Aristote Nkaka

Personal information
- Full name: Aristote Nkaka Bazunga
- Date of birth: 27 March 1996 (age 30)
- Place of birth: Ghlin, Belgium
- Height: 1.82 m (6 ft 0 in)
- Position: Defensive midfielder

Team information
- Current team: Guangxi Pingguo

Youth career
- 2012–2015: Club Brugge
- 2015–2016: Excel Mouscron

Senior career*
- Years: Team / Apps / (Gls)
- 2016–2018: Mouscron / 40 / (2)
- 2018–2019: Oostende / 31 / (0)
- 2019–2023: Anderlecht / 0 / (0)
- 2019: → Almería (loan) / 1 / (1)
- 2019–2020: → Racing Santander (loan) / 16 / (0)
- 2020–2021: → SC Paderborn (loan) / 13 / (0)
- 2021–2022: → Waasland-Beveren (loan) / 10 / (0)
- 2023–2024: Lierse / 16 / (0)
- 2025-: Guangxi Pingguo / 0 / (0)

International career
- 2017–2018: Belgium U21 / 4 / (0)

= Aristote Nkaka =

Belgian footballer

Aristote Nkaka Bazunga (born 27 March 1996) is a Belgian professional footballer who plays as a midfielder for Guangxi Pingguo. Mainly a defensive midfielder, he can also play as a centre back.

==Club career==
Nkaka signed for Mouscron in June 2015, arriving from the Club Brugge academy. He scored his first goal in a 2–1 loss against his previous club, Brugge, on 26 January 2017.

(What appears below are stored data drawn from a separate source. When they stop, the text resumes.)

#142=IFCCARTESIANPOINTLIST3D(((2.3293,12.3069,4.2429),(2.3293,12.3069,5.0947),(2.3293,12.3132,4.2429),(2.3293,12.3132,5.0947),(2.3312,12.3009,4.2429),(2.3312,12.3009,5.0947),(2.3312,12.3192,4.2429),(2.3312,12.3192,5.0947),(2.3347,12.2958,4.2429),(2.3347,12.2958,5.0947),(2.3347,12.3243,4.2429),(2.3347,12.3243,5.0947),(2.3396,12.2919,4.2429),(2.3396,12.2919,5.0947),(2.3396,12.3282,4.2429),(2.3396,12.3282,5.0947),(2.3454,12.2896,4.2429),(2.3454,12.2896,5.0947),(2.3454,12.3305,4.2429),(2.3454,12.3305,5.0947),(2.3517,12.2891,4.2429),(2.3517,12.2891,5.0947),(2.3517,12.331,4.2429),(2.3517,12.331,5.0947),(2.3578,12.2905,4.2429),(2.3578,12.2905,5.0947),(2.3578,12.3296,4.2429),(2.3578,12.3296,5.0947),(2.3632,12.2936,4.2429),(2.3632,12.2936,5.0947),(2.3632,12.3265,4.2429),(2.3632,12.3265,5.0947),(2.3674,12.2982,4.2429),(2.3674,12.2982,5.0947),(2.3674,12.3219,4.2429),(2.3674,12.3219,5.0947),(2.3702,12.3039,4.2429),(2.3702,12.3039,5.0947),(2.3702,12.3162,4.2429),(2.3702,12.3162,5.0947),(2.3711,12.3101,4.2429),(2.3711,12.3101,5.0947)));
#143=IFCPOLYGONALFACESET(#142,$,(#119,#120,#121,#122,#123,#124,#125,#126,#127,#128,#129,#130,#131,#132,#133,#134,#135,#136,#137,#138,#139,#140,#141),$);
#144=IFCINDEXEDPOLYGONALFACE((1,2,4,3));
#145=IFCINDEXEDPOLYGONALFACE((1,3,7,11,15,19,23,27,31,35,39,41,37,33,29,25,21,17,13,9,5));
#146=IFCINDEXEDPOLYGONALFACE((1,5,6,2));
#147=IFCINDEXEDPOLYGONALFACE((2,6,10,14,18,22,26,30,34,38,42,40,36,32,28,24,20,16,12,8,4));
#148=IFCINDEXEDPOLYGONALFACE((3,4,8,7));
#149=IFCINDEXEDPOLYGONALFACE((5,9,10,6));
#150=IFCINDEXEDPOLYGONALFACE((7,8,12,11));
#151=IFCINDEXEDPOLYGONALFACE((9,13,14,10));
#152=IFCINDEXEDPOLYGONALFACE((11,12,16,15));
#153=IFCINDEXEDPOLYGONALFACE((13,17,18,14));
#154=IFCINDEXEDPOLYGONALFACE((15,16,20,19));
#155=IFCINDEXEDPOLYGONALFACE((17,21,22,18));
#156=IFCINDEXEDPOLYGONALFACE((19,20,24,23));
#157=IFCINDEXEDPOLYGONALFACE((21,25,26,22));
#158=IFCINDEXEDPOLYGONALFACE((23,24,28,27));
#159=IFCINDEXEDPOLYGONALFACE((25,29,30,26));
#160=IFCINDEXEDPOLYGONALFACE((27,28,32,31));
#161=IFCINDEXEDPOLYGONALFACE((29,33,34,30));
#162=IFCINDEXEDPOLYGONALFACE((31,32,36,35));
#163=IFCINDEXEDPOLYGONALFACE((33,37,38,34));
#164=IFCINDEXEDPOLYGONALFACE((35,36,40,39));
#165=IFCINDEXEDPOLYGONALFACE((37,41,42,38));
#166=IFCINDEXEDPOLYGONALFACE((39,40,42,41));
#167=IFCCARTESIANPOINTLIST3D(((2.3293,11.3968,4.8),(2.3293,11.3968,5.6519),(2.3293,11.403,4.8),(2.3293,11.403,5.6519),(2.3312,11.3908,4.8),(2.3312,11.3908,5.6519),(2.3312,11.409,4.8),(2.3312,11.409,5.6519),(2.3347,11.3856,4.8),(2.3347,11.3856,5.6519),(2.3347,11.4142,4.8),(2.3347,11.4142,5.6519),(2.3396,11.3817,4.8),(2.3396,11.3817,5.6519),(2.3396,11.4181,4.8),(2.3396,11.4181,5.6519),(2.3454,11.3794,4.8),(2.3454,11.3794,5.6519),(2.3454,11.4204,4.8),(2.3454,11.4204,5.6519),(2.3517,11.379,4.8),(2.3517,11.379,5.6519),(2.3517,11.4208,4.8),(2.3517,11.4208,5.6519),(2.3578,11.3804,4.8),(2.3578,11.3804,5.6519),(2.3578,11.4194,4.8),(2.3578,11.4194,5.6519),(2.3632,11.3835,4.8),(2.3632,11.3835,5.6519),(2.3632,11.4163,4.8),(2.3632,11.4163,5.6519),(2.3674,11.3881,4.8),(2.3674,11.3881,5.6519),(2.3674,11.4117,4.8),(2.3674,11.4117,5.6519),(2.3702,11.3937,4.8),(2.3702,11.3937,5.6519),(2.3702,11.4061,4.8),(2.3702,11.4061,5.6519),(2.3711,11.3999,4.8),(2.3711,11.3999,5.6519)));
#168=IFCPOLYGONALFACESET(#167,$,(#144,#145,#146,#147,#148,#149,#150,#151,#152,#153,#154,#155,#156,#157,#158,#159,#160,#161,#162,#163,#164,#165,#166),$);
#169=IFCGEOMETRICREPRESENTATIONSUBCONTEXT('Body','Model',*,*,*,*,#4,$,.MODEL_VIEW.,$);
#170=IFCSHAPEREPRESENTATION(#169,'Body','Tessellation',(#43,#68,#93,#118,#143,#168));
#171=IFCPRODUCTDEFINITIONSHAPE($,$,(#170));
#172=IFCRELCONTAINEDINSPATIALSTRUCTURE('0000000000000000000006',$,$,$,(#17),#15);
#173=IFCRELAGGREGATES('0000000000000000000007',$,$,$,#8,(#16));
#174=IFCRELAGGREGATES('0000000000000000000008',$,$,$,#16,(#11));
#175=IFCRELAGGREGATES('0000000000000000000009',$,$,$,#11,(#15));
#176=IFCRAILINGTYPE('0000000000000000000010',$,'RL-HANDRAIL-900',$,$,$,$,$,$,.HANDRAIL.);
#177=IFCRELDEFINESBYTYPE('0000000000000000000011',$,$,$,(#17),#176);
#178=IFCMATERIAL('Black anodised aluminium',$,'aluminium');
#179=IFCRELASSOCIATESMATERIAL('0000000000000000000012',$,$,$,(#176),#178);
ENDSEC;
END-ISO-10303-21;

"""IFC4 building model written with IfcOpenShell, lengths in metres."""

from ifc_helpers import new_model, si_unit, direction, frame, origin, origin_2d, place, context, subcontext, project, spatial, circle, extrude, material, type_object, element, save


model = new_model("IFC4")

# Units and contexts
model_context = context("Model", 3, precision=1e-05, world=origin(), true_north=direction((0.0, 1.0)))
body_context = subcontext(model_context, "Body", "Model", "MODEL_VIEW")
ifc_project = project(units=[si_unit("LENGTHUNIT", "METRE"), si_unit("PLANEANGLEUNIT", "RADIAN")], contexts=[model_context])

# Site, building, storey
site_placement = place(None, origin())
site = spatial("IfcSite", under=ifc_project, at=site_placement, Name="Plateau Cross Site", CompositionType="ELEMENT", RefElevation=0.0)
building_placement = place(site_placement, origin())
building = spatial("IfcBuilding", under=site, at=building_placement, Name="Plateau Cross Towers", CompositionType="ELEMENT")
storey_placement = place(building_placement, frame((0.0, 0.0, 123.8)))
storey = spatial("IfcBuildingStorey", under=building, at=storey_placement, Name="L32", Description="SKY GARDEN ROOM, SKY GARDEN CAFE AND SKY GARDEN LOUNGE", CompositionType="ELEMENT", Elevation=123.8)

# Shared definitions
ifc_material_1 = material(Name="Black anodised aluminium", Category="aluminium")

On 17 July 2019, Nkaka was loaned to Segunda División side UD Almería from Anderlecht, for one year. He made his debut for the club on 17 August, coming off the bench and scoring the third in a 3–0 home victory against Albacete Balompié.

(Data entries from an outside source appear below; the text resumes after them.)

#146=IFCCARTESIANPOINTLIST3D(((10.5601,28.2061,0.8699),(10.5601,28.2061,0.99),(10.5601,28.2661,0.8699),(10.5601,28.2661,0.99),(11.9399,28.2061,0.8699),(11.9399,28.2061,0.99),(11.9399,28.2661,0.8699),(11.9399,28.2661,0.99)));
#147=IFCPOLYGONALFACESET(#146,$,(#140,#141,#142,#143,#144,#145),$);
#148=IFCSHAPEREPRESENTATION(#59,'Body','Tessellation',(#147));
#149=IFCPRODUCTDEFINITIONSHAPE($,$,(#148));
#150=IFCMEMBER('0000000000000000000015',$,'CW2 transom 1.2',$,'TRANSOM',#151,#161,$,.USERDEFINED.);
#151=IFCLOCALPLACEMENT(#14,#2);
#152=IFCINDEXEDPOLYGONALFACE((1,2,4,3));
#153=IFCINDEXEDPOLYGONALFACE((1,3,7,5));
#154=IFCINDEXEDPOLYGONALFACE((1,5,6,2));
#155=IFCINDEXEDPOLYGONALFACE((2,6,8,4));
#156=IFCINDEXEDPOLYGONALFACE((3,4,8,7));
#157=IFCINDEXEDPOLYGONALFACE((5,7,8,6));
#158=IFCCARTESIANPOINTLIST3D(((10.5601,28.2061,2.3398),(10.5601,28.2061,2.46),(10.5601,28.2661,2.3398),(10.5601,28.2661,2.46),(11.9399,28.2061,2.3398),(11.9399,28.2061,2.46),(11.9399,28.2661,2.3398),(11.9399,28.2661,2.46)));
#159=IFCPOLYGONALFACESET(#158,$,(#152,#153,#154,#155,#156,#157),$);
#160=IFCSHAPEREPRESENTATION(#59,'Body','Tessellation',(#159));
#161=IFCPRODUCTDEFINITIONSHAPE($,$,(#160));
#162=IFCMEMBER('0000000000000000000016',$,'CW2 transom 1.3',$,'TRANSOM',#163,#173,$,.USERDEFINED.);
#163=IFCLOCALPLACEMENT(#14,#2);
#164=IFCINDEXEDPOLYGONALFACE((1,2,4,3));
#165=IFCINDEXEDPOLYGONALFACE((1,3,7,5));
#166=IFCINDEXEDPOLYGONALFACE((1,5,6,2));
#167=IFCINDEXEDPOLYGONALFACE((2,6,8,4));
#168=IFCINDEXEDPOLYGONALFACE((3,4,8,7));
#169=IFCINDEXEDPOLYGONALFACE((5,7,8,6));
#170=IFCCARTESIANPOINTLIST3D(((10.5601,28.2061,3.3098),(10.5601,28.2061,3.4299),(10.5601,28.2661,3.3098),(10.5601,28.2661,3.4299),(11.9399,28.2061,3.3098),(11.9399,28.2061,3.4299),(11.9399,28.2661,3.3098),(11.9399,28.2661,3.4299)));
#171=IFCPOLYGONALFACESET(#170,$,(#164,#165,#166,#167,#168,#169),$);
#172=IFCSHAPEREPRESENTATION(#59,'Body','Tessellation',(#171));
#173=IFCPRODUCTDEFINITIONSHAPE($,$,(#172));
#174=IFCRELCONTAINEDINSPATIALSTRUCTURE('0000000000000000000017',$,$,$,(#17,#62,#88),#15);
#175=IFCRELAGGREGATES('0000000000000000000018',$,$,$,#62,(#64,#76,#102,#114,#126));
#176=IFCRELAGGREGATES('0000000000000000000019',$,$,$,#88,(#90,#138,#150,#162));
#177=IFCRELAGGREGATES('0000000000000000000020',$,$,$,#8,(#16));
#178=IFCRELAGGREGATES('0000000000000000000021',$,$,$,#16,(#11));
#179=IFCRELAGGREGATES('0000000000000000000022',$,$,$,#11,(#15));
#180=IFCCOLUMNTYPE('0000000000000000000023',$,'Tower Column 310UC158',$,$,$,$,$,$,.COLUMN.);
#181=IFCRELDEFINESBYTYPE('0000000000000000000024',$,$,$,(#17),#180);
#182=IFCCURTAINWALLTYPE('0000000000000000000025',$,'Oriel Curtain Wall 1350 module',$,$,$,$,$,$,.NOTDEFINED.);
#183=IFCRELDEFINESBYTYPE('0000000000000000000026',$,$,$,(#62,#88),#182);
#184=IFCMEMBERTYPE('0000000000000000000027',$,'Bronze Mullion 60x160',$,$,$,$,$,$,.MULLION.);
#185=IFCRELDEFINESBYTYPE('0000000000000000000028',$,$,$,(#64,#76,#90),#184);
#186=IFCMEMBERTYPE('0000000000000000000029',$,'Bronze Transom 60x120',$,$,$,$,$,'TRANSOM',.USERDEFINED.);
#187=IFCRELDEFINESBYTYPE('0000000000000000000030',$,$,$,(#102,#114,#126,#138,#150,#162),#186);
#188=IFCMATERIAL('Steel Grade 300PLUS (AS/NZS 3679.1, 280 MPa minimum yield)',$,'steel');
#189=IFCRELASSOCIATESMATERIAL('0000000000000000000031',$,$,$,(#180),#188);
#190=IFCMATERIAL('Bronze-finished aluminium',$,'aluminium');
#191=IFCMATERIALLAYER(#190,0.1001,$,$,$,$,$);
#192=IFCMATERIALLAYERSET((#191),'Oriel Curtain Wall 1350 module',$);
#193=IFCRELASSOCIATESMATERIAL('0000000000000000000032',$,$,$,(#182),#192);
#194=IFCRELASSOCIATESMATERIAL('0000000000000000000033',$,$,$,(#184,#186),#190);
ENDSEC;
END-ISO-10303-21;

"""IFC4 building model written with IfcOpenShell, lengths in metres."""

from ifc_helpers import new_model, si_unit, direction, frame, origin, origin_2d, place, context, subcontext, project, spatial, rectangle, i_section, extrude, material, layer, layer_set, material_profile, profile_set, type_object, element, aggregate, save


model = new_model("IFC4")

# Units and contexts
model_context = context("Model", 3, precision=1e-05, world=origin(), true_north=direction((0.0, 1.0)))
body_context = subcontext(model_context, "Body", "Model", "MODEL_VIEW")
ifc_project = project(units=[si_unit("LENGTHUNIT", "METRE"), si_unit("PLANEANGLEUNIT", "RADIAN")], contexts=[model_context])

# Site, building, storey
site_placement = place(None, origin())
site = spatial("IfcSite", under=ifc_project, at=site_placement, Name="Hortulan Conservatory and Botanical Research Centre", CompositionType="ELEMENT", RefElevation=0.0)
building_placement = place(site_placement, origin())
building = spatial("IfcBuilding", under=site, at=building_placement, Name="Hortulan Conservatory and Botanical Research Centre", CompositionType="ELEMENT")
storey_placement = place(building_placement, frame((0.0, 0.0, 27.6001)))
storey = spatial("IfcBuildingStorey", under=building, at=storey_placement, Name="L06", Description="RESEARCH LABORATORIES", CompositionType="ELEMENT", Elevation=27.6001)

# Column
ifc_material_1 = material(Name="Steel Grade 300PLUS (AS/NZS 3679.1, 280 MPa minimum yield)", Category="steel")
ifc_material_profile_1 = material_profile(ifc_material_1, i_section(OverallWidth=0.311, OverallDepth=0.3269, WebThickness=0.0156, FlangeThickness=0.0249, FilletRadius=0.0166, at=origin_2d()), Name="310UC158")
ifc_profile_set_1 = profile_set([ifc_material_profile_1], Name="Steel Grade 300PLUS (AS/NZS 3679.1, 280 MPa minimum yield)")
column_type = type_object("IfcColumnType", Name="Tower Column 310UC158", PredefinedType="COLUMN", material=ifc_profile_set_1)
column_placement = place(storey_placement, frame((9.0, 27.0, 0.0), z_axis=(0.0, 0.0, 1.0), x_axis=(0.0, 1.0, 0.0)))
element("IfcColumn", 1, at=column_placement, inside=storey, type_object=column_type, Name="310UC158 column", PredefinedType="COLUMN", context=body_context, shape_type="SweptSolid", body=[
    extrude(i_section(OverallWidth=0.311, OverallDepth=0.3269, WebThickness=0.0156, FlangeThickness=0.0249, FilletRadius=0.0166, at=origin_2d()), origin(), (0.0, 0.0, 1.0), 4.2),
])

On 26 August 2019, Nkaka's loan with the Andalusians was terminated due to the club's change of ownership, and agreed to a one-year loan deal with fellow league team Racing de Santander just hours later.

On 31 August 2021, he joined Waasland-Beveren on loan with an option to buy.

On 26 July 2023, Nkaka signed a one-year contract with Lierse.

==International career==
Nkaka was born in Belgium and is of Congolese descent.